View Single Post
  #2   (View Single Post)  
Old 18th June 2008
jggimi's Avatar
jggimi jggimi is offline
More noise than signal
 
Join Date: May 2008
Location: USA
Posts: 7,977
Default

1) You are not "porting", you are "building a port."

When used as a noun, "port" describes a 3rd party application. When used as a verb, "porting" is the act of creating a usable application from source code built to run on another OS. e.g.: "Samba has already been ported to OpenBSD. It was ported in 1997. The port became part of the tree in November of that year."

2) I will risk repeating what I told you already. USE PACKAGES.

e.g.:

# export PKG_PATH=ftp://rt.fm/pub/OpenBSD/4.3/packages/i386/
# pkg_add -iv samba

Read FAQ 15, again. Pay particular attention to FAQ 15.4.6:
Quote:
15.4.6 - What should I use: packages or ports?

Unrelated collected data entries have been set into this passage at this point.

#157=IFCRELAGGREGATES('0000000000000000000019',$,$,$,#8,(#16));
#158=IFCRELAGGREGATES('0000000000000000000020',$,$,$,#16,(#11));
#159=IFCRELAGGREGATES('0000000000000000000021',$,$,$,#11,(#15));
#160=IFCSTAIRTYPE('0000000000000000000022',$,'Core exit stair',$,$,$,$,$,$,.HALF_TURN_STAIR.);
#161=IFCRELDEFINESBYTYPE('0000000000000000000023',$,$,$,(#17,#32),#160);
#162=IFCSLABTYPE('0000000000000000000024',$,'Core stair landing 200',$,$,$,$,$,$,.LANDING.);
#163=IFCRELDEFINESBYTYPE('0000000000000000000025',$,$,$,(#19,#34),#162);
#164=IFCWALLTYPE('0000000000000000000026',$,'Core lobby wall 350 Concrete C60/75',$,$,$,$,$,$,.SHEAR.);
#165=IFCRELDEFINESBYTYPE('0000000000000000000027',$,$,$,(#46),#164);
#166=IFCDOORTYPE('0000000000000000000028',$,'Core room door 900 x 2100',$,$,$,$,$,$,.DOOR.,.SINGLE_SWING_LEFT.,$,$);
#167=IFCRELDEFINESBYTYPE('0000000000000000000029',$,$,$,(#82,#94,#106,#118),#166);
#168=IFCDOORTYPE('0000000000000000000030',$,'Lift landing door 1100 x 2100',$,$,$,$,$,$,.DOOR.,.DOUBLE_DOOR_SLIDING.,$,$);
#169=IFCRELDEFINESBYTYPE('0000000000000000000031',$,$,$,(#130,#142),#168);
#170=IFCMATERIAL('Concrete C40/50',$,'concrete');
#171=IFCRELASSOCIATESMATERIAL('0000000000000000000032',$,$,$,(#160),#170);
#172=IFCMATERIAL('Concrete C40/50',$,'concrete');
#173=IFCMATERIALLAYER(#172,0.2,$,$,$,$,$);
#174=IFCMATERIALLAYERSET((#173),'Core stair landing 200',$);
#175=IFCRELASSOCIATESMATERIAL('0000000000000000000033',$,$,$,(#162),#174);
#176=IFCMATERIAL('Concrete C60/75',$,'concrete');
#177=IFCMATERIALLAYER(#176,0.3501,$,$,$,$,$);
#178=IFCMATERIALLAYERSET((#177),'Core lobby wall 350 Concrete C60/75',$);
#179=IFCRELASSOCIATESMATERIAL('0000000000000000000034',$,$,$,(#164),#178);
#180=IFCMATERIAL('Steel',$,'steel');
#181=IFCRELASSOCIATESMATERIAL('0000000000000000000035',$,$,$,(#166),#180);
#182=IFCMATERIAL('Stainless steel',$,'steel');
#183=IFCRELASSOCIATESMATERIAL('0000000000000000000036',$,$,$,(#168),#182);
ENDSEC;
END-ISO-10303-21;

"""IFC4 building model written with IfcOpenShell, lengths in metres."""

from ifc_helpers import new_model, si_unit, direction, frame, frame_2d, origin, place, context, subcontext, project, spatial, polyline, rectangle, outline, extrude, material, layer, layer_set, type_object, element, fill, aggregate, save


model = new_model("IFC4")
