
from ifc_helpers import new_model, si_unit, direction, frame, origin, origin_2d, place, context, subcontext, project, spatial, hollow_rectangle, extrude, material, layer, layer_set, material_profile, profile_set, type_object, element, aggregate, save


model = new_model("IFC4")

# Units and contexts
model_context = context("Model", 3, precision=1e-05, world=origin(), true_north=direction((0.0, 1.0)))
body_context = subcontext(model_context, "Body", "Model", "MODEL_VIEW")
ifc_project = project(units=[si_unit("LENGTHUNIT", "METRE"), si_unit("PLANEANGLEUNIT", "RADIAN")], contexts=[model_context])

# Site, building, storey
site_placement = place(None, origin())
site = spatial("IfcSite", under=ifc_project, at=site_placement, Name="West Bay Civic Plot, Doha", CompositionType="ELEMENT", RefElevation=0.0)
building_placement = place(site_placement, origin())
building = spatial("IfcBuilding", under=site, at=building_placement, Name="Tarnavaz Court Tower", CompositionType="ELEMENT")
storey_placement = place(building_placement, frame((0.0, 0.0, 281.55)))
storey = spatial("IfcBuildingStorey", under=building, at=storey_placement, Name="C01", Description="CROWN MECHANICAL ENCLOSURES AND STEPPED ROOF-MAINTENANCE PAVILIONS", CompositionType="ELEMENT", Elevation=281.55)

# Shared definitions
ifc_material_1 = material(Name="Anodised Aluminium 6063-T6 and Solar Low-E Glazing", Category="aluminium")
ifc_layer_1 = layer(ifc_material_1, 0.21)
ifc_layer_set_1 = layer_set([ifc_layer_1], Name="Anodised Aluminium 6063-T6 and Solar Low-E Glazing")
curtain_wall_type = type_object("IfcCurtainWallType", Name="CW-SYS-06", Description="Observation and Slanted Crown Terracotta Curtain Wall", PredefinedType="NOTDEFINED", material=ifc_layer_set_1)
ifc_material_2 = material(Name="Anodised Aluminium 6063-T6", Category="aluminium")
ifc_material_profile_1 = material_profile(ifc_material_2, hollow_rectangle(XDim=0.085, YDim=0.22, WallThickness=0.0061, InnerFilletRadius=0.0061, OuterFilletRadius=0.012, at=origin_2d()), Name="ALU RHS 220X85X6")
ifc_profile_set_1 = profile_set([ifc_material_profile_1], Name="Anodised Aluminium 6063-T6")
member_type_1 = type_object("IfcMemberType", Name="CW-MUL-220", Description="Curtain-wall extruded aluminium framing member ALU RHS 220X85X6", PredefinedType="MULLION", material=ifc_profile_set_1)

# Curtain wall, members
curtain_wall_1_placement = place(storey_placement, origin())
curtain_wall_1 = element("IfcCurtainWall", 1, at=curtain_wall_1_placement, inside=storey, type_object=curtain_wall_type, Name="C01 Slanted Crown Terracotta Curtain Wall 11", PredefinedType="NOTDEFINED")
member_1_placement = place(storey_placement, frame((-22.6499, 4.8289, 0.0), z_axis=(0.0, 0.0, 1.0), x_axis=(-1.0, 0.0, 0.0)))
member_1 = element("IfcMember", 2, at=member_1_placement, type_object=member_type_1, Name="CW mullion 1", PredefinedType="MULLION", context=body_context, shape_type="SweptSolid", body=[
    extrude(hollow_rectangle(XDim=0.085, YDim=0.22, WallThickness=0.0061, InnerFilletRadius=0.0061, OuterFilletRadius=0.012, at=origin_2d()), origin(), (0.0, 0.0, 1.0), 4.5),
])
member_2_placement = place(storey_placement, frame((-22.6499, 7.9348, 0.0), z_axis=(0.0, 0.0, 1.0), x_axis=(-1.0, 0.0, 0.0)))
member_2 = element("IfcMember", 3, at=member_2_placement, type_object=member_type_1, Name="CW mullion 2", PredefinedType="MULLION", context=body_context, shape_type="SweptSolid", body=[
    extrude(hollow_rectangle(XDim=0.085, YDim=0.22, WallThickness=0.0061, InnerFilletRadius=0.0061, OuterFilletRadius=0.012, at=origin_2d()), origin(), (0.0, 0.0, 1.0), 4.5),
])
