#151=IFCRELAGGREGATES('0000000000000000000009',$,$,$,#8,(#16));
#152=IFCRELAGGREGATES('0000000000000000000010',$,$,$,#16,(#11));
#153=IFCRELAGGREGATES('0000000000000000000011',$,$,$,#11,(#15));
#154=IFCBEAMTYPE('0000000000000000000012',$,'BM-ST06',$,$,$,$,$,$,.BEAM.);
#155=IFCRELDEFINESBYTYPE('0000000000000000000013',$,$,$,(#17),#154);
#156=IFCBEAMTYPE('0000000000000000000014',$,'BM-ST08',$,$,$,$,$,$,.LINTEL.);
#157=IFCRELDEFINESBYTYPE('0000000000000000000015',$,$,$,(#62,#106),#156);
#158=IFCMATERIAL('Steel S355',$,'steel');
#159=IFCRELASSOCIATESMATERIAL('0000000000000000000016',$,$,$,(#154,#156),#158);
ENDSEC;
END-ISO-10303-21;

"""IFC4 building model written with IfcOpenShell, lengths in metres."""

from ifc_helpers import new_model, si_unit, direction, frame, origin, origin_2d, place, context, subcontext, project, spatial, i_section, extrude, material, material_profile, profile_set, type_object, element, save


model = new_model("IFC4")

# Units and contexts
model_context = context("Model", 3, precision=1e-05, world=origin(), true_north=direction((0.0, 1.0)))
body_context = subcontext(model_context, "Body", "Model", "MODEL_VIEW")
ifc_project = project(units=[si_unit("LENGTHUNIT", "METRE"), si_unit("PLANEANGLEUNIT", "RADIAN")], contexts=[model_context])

In general, you are highly advised to use packages over building an application from ports. The OpenBSD ports team considers packages to be the goal of their porting work, not the ports themselves. Building a complex application from source is not trivial. Not only must the application be compiled, but the tools used to build it must be built as well. Unfortunately, OpenBSD, the tools, and the application are all evolving, and often, getting all the pieces working together is a challenge. Once everything works, a revision in any of the pieces the next day could render it broken. Every six months, as a new release of OpenBSD is made, an effort is made to test the building of every port on every platform, but during the development cycle it is likely that some ports will break.
In addition to having all the pieces work together, there is just the matter of time and resources required to compile some applications from source. A common example is CVSup, a tool commonly used to track the OpenBSD source tree. To install CVSup on a moderately fast system with a good Internet connection may take only about ten seconds -- the time required to download and unpack a single 779kB package file. In contrast, building CVSup on the same machine from source is a huge task, requiring many tools and bootstrapping a compiler, taking almost half an hour on the same machine. Other applications, such as Mozilla or KDE may take hours and huge amounts of disk space and RAM/swap to build. Why go through this much time and effort, when the programs are already compiled and sitting on your CD-ROM or FTP mirror, waiting to be used?
Of course, there are a few good reasons to use ports over packages in some cases:
  • Distribution rules prohibit OpenBSD from distributing a package.
  • You wish to modify or debug the application or study its source code.
  • You need a flavor of a port that is not built by the OpenBSD ports team.
  • You wish to alter the directory layout (i.e. modifying PREFIX or SYSCONFDIR).
However, for most people and most applications, using packages is a much easier, and definitely the recommended way of adding applications to an OpenBSD system.